Come, let’s squeeze our giant heads through our tartan turtlenecks and relive the top ten moments of ‘Of Lost Things’.

1) Claire swears in a library

Shit just got real.

2) Jamie drops Geneva in a puddle

Seems fair.

3) Lord John borrows Ian Murray’s wig

Jenny will be pissed.

4) Roger and Bree kiss

“That was unexpected,” said Roger. Child, please. Mary McNab was standing in a pitch black man-cave weaving a wig of ginger curls and she still saw that kiss coming.
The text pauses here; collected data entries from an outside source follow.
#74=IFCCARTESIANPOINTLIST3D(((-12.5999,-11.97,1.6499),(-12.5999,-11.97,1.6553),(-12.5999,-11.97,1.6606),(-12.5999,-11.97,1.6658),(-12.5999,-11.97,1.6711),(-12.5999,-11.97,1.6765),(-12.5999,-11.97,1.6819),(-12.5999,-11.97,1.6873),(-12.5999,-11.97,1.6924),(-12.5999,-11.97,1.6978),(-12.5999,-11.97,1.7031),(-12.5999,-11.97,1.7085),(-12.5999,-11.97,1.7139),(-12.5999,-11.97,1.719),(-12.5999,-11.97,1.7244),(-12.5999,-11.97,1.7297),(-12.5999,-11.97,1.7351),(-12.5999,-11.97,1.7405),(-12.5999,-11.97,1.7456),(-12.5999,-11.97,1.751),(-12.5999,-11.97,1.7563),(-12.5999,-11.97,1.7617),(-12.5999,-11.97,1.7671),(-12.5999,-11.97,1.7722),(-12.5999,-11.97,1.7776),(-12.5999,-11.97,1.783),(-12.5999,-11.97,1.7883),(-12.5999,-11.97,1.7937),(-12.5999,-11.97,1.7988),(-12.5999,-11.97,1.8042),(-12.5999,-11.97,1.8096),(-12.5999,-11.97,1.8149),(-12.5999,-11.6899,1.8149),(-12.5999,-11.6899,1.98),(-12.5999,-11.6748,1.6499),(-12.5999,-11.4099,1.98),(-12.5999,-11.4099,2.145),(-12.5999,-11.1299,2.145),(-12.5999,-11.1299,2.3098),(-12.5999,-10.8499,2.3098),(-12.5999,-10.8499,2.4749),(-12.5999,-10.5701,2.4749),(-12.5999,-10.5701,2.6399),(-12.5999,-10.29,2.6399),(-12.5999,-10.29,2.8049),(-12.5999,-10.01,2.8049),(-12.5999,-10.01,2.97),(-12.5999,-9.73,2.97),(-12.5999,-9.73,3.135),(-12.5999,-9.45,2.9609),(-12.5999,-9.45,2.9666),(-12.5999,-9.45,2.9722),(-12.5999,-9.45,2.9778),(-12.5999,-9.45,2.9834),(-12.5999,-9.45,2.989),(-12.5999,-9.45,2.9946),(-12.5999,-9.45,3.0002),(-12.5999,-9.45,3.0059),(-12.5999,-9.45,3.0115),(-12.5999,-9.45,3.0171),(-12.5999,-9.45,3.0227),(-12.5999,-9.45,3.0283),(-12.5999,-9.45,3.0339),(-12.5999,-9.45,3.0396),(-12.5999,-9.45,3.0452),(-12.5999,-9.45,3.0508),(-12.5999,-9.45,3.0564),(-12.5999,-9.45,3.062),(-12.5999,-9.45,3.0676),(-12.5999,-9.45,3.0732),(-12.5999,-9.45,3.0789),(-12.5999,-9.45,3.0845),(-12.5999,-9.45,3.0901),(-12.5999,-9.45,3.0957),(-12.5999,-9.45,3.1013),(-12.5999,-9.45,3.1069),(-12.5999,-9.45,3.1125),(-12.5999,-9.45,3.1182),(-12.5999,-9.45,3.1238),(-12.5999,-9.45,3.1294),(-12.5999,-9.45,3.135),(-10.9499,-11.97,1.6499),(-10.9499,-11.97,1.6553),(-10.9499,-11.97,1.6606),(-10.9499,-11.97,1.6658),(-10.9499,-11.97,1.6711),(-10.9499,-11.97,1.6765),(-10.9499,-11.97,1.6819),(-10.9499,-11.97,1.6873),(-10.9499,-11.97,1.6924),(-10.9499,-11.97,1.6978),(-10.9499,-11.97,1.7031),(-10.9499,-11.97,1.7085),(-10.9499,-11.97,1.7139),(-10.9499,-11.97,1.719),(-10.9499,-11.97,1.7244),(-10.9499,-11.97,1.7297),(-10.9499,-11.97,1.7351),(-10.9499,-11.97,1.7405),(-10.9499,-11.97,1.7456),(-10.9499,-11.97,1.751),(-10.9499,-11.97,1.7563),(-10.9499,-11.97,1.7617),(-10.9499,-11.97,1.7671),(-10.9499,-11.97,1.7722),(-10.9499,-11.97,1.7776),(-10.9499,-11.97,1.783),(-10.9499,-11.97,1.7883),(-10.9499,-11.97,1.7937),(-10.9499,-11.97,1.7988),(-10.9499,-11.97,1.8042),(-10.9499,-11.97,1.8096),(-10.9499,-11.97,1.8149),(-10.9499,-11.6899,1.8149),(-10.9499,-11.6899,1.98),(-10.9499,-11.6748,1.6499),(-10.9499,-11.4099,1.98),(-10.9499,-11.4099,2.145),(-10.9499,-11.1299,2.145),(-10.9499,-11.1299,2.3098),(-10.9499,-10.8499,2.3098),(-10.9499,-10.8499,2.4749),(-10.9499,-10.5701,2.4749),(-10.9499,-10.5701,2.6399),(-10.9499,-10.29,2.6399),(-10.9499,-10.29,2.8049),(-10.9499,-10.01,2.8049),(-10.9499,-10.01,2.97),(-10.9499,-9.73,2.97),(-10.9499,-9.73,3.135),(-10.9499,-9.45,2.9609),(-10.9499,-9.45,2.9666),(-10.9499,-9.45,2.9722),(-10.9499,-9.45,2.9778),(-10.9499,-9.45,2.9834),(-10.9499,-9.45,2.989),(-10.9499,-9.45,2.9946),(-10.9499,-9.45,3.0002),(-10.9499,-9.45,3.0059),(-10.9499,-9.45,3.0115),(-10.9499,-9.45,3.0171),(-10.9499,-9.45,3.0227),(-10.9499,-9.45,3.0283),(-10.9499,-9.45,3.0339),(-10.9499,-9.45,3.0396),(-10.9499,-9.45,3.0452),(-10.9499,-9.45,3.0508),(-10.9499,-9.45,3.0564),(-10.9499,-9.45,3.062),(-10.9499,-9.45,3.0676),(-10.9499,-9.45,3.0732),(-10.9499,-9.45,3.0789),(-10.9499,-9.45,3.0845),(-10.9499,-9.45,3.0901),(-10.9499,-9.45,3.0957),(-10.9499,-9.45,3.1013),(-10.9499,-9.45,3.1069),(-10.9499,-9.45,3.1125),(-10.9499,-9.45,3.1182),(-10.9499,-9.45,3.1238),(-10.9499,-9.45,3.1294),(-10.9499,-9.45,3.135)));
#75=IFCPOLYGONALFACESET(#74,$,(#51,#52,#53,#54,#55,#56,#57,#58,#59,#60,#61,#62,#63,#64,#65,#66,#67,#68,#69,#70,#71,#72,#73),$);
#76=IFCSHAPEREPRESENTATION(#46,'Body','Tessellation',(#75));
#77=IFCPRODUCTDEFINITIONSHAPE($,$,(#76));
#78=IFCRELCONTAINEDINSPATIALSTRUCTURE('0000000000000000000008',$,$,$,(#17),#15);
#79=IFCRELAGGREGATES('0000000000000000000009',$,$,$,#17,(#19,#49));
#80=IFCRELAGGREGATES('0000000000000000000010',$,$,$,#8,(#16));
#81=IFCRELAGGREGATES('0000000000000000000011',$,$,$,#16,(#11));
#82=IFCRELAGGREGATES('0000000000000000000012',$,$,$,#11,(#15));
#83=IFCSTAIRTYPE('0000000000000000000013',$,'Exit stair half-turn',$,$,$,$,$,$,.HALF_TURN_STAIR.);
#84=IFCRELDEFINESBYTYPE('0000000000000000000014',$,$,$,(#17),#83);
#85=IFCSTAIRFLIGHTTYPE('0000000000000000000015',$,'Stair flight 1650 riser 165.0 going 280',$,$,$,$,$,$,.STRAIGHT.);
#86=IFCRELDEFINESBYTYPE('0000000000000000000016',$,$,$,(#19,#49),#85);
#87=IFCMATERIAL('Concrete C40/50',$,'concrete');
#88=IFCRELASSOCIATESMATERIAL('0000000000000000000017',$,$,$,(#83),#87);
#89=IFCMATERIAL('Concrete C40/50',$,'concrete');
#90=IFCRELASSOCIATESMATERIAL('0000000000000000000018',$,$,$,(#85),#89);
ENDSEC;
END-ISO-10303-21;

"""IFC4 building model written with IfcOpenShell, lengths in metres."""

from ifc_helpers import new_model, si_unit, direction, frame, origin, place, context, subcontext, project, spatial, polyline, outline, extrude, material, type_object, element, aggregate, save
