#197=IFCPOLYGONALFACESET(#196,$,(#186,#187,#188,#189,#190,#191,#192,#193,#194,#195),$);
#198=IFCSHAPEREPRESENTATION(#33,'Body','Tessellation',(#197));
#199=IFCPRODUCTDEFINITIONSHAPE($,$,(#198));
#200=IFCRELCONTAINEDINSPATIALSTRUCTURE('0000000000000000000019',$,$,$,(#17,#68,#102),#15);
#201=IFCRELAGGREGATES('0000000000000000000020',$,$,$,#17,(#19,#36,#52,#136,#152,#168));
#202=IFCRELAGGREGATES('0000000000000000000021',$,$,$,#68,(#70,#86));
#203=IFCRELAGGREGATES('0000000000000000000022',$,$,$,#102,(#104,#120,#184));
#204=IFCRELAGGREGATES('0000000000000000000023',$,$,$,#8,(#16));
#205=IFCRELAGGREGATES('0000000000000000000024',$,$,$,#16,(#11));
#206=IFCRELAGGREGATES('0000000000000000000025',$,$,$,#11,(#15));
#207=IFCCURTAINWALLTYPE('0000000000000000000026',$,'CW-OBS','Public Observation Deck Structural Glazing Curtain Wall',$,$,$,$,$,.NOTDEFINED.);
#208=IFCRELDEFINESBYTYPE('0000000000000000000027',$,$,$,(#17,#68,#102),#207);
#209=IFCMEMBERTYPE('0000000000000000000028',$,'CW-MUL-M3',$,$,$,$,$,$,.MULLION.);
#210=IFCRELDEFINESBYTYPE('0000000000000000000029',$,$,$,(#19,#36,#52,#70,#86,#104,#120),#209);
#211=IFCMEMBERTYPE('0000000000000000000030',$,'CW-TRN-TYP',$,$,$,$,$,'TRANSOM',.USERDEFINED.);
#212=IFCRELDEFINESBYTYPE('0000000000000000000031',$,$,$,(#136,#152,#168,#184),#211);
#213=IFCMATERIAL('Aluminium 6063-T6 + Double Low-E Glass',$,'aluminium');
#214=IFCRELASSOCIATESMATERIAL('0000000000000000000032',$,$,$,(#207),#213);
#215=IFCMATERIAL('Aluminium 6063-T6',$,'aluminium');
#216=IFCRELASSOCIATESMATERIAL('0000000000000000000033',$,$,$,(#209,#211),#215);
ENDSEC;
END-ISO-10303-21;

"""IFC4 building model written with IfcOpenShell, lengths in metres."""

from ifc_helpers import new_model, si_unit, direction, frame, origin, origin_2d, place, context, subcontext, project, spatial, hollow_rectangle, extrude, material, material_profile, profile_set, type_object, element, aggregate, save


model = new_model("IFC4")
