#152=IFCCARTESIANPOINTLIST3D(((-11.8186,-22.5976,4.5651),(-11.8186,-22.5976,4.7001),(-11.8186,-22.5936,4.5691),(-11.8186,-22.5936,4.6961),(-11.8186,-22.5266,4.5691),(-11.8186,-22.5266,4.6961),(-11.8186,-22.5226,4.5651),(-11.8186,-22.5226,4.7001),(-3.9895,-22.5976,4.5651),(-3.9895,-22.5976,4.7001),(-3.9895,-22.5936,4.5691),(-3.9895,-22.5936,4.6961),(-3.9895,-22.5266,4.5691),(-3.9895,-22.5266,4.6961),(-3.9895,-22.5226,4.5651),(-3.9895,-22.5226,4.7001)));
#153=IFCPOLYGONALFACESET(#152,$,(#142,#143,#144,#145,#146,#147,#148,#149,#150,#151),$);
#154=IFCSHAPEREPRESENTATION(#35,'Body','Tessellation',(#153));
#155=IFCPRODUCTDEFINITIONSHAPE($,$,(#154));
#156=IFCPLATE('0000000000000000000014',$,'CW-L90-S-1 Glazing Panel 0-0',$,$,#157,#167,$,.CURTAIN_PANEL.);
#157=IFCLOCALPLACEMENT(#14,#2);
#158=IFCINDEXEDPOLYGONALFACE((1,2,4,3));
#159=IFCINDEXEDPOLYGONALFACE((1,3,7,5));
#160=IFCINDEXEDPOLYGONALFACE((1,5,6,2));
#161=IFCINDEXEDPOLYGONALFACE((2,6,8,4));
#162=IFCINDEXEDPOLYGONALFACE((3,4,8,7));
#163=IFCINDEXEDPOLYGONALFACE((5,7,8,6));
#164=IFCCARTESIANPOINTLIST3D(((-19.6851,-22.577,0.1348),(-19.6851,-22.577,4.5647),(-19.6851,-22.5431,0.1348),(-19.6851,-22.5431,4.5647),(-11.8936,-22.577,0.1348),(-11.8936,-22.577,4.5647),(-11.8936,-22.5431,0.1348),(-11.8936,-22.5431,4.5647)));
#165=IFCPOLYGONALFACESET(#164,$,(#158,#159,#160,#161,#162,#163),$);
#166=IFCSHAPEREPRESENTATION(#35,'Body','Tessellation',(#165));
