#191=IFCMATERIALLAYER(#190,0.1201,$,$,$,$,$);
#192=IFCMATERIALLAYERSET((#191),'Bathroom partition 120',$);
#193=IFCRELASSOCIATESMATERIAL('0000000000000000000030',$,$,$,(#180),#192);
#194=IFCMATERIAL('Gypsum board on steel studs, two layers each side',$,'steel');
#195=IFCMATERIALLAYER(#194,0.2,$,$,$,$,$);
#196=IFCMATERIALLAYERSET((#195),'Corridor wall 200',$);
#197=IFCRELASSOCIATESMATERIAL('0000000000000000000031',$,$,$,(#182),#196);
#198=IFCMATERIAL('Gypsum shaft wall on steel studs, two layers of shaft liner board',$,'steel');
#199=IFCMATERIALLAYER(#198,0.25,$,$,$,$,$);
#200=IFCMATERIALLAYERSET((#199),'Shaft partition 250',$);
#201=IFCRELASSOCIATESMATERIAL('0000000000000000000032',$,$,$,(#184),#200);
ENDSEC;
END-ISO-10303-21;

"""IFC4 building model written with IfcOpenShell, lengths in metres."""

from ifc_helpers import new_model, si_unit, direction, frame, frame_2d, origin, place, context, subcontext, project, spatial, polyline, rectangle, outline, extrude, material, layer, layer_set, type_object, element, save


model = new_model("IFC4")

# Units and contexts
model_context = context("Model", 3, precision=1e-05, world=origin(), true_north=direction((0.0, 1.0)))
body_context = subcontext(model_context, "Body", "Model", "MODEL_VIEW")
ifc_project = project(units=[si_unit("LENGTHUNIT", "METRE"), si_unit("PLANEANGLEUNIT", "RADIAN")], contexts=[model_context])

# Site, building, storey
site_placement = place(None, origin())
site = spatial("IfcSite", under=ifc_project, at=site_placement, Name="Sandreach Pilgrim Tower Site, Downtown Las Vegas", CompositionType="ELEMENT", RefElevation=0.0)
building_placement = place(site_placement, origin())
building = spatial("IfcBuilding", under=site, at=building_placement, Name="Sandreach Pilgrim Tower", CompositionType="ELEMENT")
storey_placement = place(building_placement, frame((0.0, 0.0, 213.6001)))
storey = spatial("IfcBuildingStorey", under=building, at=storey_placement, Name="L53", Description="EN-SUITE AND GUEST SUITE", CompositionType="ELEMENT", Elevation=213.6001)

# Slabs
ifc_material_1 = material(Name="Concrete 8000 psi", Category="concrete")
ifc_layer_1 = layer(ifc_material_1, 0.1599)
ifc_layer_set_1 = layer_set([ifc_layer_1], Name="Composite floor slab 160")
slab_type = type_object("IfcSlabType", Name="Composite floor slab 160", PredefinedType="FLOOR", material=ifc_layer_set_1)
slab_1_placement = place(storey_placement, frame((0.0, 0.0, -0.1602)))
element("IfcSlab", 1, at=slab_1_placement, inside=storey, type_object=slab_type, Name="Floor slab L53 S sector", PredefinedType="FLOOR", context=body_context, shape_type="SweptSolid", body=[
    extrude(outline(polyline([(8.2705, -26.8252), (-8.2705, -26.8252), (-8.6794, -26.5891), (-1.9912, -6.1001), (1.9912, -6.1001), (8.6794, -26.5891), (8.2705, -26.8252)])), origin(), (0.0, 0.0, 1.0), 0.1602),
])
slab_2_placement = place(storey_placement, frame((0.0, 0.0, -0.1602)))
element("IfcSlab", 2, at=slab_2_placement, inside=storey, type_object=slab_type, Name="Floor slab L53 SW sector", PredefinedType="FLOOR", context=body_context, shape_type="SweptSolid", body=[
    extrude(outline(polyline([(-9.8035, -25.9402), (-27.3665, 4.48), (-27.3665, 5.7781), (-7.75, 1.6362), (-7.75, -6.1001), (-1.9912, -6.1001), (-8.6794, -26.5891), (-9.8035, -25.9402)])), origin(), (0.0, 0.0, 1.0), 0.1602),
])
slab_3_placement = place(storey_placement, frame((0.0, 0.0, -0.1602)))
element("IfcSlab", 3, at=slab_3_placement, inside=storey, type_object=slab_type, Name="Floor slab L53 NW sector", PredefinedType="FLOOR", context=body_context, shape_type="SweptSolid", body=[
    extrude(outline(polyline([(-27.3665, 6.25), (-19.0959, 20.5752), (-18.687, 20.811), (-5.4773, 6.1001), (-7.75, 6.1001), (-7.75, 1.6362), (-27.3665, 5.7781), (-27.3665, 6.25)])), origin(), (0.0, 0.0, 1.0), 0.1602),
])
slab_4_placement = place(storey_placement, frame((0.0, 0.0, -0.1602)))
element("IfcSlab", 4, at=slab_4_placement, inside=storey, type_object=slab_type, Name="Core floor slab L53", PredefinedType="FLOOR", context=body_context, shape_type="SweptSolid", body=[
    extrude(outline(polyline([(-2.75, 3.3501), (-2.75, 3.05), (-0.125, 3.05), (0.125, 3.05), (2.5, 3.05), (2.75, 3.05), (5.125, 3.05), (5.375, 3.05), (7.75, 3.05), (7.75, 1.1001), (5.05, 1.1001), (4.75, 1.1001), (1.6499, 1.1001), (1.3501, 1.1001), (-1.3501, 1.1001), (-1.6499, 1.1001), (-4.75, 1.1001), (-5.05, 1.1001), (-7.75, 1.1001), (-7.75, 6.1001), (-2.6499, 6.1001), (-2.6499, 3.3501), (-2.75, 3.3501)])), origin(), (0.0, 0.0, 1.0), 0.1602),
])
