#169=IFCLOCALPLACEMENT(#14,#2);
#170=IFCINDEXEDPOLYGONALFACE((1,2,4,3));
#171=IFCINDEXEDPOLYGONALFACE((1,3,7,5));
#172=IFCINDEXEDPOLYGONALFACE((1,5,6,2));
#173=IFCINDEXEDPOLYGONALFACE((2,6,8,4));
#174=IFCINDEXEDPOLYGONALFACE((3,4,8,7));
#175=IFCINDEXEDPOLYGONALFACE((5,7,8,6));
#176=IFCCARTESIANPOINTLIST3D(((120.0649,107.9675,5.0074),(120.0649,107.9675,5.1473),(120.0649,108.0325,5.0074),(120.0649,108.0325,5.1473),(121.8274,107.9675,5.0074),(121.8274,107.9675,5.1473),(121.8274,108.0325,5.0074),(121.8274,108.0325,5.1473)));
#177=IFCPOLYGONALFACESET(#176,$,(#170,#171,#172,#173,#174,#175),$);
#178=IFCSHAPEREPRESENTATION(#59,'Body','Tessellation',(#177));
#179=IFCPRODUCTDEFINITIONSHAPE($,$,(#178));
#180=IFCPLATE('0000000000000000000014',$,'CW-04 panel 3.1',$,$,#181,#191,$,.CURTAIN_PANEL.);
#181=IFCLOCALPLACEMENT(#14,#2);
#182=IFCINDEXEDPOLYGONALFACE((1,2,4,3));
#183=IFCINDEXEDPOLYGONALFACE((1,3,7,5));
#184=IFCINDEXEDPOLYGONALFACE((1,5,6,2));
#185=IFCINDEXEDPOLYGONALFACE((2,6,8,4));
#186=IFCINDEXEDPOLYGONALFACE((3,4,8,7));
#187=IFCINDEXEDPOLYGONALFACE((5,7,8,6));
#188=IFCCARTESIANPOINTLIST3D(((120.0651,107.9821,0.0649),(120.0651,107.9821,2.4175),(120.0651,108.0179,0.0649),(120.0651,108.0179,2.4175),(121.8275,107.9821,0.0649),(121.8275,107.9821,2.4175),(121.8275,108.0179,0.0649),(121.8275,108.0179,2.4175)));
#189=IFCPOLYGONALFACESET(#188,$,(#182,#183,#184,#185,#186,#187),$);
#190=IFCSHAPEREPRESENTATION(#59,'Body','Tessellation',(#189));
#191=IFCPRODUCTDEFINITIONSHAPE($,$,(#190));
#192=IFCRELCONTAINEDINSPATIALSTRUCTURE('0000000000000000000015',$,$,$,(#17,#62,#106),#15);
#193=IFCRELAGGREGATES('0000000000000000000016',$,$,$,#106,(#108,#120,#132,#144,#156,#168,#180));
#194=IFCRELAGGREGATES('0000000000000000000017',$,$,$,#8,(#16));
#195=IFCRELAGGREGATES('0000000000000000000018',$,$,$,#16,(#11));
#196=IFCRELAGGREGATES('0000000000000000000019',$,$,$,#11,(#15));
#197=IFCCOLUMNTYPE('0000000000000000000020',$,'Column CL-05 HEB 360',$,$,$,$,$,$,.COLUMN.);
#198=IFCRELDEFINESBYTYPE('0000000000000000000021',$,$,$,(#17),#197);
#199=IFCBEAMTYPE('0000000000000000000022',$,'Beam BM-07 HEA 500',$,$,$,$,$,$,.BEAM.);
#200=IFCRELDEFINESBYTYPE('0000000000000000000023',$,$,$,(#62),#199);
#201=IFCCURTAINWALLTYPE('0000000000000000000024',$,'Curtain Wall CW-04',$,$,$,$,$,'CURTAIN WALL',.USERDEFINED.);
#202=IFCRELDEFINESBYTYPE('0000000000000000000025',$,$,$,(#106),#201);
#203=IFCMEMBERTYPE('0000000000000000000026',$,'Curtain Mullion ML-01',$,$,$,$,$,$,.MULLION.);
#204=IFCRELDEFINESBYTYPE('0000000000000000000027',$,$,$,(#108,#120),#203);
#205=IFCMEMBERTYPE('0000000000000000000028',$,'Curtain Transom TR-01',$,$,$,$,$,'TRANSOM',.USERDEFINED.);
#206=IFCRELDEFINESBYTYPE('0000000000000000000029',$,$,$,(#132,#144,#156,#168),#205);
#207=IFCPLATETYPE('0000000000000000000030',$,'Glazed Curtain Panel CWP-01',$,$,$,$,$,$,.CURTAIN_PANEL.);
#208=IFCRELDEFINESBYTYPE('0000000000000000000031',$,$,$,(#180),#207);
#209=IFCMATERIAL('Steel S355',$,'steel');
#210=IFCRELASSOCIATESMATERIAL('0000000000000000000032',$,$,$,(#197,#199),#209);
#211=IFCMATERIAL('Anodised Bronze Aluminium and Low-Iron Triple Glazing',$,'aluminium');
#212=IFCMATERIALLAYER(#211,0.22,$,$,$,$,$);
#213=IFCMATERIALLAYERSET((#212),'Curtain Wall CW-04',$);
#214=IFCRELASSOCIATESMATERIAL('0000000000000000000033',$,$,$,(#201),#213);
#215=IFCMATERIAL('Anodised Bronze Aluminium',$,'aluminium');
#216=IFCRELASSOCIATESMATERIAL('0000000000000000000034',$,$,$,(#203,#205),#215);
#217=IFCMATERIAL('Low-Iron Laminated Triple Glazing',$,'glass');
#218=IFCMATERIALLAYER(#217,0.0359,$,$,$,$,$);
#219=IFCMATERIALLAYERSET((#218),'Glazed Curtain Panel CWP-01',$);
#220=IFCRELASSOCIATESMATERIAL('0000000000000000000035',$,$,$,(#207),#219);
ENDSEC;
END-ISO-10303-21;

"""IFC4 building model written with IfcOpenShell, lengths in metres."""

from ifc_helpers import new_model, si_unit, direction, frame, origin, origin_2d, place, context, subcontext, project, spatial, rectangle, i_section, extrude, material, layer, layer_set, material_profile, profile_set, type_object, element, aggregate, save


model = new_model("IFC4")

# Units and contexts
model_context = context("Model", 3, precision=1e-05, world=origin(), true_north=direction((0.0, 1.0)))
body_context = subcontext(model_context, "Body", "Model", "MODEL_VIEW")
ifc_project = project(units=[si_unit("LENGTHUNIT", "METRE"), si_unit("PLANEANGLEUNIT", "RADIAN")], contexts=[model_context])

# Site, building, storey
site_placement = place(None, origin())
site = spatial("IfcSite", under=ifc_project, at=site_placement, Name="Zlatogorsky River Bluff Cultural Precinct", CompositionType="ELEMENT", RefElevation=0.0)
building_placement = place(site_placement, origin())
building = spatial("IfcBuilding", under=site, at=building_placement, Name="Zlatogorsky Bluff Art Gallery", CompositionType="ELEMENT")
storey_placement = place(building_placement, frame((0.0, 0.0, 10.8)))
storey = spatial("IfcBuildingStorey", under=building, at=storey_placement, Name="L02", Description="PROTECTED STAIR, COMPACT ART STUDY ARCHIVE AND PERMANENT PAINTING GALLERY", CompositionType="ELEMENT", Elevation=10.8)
5) Geneva blackmails Jamie as he shovels more shit onto the steaming manure pile of his life

Another day, another hairy situation.

6) Jamie’s face when he realises Geneva is pregnant with his child

7) Claire discovers she has already unearthed the greatest Highland treasure

Queen of Scones, thy name is Fiona.

8) Willie is only five minutes old yet has all the Fraser charm

9) Claire quietly breaks down the patriarchy one pub at a time

Who said women can’t drink at the bar? Lay down your laser beam stares, Men of Scotland, for Claire Fraser is made of stone/goes through the stones/doesn’t give a shit. 

10) Lord John promises to raise Jamie’s son as his own

I’m sorry about what I said about your wig Lord John I think I really love you.